Member of the Grand National Assembly
- Incumbent
- Assumed office 7 June 2015
- Constituency: Afyonkarahisar (June 2015, Nov 2015, 2018)

Personal details
- Born: April 20, 1970 (age 55) Dinar, Afyonkarahisar, Turkey
- Party: Justice and Development Party (AKP)
- Alma mater: Ankara University
- Occupation: Politician
- Profession: Lawyer

= Ali Özkaya =

Turkish politician and lawyer

Ali Özkaya (born 20 April 1970) is a Turkish politician and lawyer from the Justice and Development Party (AKP), who has served as a Member of Parliament for Afyonkarahisar since 7 June 2015. He is currently the lawyer of Turkish President Recep Tayyip Erdoğan.
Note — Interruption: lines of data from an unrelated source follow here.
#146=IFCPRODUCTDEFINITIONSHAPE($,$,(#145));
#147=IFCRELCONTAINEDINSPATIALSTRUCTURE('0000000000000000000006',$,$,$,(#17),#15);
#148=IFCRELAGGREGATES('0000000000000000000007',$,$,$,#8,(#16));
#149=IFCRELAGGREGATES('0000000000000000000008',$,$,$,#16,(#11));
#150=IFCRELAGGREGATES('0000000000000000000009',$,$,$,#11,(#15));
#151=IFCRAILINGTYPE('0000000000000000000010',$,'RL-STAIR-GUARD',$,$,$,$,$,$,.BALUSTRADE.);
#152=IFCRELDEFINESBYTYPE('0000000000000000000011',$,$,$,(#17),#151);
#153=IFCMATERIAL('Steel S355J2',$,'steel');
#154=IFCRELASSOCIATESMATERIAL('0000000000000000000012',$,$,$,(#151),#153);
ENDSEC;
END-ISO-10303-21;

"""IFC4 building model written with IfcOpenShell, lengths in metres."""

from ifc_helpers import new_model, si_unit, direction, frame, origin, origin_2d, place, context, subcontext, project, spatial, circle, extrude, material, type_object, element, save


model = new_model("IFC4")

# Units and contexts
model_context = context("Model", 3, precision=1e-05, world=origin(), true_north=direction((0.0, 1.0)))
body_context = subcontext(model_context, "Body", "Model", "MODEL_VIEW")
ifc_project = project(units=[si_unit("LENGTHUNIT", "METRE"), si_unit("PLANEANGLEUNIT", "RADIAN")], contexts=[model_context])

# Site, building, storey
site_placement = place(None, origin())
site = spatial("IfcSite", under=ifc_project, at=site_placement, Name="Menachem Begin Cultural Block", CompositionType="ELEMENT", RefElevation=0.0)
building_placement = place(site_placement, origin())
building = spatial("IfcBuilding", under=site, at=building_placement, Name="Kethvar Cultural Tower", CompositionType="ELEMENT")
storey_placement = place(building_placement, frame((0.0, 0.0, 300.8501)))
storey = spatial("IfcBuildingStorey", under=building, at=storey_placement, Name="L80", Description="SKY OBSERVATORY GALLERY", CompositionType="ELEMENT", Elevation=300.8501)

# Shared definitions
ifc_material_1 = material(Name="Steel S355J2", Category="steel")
Born in the Çayüstü village of Dinar, Afyonkarahisar, he was educated at Isparta Imam Hatip school and graduated from Ankara University Faculty of Law in 1992. He became a freelance lawyer in Ankara and also received further education in the field of commercial law at Gazi University between 1993 and 1995. Having been an unsuccessful AKP candidate in the 2007 and 2011 general elections, he became a legal advisor at the AKP headquarters in 2012 and became the lawyer of the then-AKP leader and then-Prime Minister Recep Tayyip Erdoğan. He continued to serve as Erdoğan's lawyer after his election as President in 2014. He was elected as an AKP Member of Parliament in the June 2015 general election.